25 octobre 2008

Count in fives

C'est fou tout ce que l'on vit, tout ce temps digéré avec obligation et dégout, donc tout ce que l'on subit et qu'on ne voudrait pas pouvoir sentir.
C'est une question de route plate et d'attendre en voyant défiler le paysage individuel, d'attendre activement, de mettre la main à la pâte, ces besognes. Toucher les charognes. Les pétrir en s'oubliant. Se confondre en elles, voir avec ces pupilles crevées. Réaliser que nous sommes tout autant ces êtres qui avancent sans rechigner.
C'est fou cette incapacité à ne pas sortir de soi plus facilement. L'inné est pauvre, ou trop poussiéreux. On pourrait imaginer volant au-dessus des routes et gagnant bien vite l'embranchement. L'imagination est le salut de la perte. Et on me rétorquera : "Renoncement laid ! Prend de l'existentialisme !"

Le bonheur ivre ne se boit ici que par petites gorgées.
Trop c'est y prendre goût il parait.
L'absurde a des souliers cloutés.
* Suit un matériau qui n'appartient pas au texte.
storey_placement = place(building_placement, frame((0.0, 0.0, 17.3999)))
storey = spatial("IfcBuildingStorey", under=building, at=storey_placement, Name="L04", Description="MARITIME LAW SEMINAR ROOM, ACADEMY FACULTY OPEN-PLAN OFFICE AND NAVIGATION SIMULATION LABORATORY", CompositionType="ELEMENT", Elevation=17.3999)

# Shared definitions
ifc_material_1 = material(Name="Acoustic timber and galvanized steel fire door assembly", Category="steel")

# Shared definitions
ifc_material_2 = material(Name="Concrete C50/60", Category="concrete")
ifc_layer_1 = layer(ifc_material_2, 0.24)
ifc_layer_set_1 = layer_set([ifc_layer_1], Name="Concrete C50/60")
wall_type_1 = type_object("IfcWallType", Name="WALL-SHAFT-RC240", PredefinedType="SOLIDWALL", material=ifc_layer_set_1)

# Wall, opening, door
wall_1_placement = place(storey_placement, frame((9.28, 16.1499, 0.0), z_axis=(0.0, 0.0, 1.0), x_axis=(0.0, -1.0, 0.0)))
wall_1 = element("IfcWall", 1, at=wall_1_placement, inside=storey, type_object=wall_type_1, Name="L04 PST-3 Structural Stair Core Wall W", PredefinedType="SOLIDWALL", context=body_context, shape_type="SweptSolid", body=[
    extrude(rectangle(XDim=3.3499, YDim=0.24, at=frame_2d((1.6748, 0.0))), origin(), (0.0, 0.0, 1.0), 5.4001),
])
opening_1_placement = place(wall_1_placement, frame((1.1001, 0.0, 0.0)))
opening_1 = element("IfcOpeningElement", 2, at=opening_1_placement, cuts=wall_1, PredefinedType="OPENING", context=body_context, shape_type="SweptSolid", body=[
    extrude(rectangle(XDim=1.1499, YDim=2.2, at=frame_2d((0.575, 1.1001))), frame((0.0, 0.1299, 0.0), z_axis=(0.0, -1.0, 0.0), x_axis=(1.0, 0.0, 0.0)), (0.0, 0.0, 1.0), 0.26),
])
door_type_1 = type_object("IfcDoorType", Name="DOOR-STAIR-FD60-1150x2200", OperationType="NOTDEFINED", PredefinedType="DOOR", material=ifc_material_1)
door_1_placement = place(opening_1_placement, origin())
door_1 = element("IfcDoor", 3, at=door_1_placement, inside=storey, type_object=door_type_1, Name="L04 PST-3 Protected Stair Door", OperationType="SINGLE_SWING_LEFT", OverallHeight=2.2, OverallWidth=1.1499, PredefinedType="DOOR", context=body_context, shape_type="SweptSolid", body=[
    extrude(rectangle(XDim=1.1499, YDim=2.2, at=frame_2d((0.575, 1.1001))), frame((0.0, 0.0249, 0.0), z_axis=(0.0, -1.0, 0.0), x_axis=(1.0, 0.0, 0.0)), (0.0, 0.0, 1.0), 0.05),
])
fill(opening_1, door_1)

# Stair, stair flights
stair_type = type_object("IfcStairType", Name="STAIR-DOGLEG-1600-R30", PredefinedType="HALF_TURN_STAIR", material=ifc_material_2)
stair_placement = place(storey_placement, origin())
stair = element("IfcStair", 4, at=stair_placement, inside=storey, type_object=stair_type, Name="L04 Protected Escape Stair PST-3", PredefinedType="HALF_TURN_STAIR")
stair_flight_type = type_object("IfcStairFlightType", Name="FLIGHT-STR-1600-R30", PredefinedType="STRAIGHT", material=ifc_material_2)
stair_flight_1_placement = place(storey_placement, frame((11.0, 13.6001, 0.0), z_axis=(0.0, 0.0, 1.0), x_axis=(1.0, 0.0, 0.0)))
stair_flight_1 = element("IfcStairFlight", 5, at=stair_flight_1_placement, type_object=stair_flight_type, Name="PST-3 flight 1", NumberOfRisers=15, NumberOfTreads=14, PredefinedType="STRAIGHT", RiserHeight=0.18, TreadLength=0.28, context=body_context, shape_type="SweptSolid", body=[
Et marque ses pas sur nous, on ne le remarquera  peut être jamais, et si par hasard cela nous est revelé, chacun criera comme au premier hurlement du premier jour.

Je ne pourrai jamais être sure de te comprendre entièrement et de ce fait j'arriverai toujours à la fin par te décevoir . Le parfait c'est l'impulsion d'un commencement éternel. Maintenant beaucoup de choses ont été gachées. Peut être qu'on naviguera toujours dans ces eaux. Océans faits par des mêlées de langues-rivières étrangères entre elles que tu manies en te foutant de la diplomatie, et puis mes langues-lacs étrangères à elles-mêmes. Je me dis toujours qu'il faut ouvrir tous les barrages, et laisser aller : vases, pulsions, idées...
Et puis une phrase vient assécher implacablement mes rus. Départ mal fait on ne change pas cela.
L'imperfection ici est une gêne car elle immobilise dans nos retranchements des élans immaculés ou noirs ! Je ne trouve plus les bonnes idées, tournoures délices-ratures, tout ça s'est asséché ; figure-toi ce n'est pas l'anesthésiant de la conscience. Je le vois mais mes bras sont ballants et les échéances me font avancer sans trépigner. Exaspération.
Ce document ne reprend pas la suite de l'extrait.